There is something that is left unchanged, unsaid and unexplainable. It is unbelievable how things can change that easily. I can’t believe one can do that to me. Someone who thinks I am nothing. We used to be related. I am not kidding. My cousin, who used to be my cousin.

I, Nurul Sakinah, in sound mind, propose and declare that, Hairul Azhar is and will not be related to me in blood or in relation. This takes effect from 1st November 2009.

If you ever know the story of how this family relationship ends, then only will you know how much hurt and grief I felt. I will put it this way, simple and easy for you guys to understand. I will put the story from two side, and u judge.

Story from Nurul Ekin side:

<<<<<>>>>>



Today, I went to my grandmother’s house with Lina & Erwin. I thought the day will be fine, but I guessed wrong. We went to buy Ananas and I am short of a few bucks cos I need to go buy beancurd for Dino. Then I didn’t realize that they put sugar syrup in the beancurd, so we had to make do with it. Then I have some balance of my cash money, just enough to buy another beancurd without sugar. This time without the syrup. Got it for Dino, and we remember that he doesn’t like that. Lina took the time to queue to buy that for him.

So, Lina & Erwin went to nenek’s house first and I proceed to Dino’s house first. To pass some cash to him and went to nenek’s house together. Walked there, but it was so hot. Damn, and I was wearing my jacket. I know, stupid. So we reached there and the first thing I did, eat! Like durh, must eat, I didn’t eat okay. And Eqi told me, must eat so I can be healthy. LOL! Then the usual stuff, went online for awhile, then up again. It was an awkward day.

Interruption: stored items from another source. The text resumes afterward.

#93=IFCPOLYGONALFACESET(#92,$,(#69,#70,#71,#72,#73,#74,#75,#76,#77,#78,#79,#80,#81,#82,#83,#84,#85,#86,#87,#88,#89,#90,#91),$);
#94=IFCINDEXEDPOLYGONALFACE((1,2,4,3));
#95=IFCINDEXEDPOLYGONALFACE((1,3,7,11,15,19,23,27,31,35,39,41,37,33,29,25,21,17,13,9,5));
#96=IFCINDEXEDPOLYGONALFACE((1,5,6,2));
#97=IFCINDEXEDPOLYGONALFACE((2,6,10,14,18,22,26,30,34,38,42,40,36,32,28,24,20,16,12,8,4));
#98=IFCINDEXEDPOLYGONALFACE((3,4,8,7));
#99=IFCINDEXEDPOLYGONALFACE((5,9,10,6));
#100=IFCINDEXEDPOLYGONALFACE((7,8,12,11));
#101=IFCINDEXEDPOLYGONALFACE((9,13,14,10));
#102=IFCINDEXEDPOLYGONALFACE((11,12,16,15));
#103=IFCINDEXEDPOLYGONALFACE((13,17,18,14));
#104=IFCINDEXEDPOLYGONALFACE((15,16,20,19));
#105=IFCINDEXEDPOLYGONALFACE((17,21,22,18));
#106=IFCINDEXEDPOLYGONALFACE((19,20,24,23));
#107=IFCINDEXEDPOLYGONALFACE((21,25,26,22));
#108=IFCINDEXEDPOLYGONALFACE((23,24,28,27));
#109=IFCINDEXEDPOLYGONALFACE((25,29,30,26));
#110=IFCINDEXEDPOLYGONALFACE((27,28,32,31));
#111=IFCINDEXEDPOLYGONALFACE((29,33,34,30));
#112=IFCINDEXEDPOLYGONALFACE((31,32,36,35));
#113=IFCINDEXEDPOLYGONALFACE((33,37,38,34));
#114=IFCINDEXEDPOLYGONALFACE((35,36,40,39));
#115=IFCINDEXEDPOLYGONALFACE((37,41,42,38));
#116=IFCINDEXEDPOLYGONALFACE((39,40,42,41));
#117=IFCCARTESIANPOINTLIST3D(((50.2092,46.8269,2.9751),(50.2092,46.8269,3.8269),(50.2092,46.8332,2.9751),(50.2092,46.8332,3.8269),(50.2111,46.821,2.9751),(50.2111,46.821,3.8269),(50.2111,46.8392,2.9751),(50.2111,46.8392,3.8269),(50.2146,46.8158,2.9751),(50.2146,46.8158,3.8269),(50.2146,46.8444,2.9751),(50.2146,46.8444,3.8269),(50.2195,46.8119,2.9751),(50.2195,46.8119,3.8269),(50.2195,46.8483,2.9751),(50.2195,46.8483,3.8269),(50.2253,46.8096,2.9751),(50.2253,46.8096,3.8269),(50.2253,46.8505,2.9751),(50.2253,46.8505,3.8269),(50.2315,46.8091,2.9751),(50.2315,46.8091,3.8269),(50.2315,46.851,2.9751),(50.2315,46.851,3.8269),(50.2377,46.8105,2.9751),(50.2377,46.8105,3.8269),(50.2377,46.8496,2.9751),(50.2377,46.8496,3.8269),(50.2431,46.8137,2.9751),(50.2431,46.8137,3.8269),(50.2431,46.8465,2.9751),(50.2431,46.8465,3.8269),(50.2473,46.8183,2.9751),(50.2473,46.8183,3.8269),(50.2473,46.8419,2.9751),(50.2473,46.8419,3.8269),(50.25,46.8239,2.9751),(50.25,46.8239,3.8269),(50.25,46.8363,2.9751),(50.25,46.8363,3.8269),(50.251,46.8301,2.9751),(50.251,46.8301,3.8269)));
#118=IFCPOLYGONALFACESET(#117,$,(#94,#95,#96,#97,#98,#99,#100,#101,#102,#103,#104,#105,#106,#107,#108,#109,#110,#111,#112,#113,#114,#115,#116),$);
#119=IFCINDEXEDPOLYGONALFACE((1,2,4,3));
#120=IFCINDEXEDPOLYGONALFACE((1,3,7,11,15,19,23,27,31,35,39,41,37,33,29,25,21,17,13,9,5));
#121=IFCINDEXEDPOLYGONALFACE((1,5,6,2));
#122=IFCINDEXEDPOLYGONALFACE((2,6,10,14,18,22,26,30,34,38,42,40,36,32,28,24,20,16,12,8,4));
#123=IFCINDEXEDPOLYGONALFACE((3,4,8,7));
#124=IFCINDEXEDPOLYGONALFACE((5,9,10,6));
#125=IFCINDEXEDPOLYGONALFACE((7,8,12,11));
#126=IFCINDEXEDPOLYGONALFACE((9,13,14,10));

**skipped some useless info here…this is where the fight start and gets interesting**

<<<<<>>>>>


I was there, sitting in the dining chair, playing lappy, as usual, minding my own business. Then Dino pointed his fingers at me, and accused me of felony. He said, I used nadia’s name to disguise myself as her and meet other guys. I stood up to him, and of course, denied the act. Because I know that I was not in the wrong, I didn’t do anything. I never admit to such doings cos I never did it.

Then he shouted at the top of his voice and shoved me at my chest/breast area super super hard. There was a huge thump and I fell backwards to the floor. My wrist broke my landing and either I twisted, sprain or fractured my wrist. I can’t type right now and its hurts a lot when I move it. The only thing I could do was cry. I mean, I was in shock. My body didn’t move when I fell and I couldn’t think of anything else. I can’t believe he shouted at me, screamed, and shoved me. I am his elder cousin. And it was because his previous flame said someone used her name to chat and meet up. He accused me just for that girl? I know I am just his cousin, but I know if one day, he has to choose between his girl and his family, he would rather be with her. It’s too obvious isn’t it?

<<<<<>>>>>



And all the time I sacrificed for him, do things for him so just he will be okay has all just gone to waste. All just gone because of this. I was so hurt that the only thing I did was cry. Even if I tried laughing, I can’t. When they say, blood is thicker than water; it also means it hurts more when fights happen. And the only thing I can think of is to severe ties with him. I was really hurt. I think only he and me knows how far we went as cousins and all the things we have been through and share. I know he treasures Nadia more than me. But even so, he should spare a feeling for me. A thought about my emotions and feelings and what I have done just so he can smile.


I went to great lengths just to make his day and so he can smile. But he never thought of it. I gave him my last $30 so he could finish off something important. That $30 was suppose to last me for the week but I gave it to him cos it seems way more important. He never thought of that, did he?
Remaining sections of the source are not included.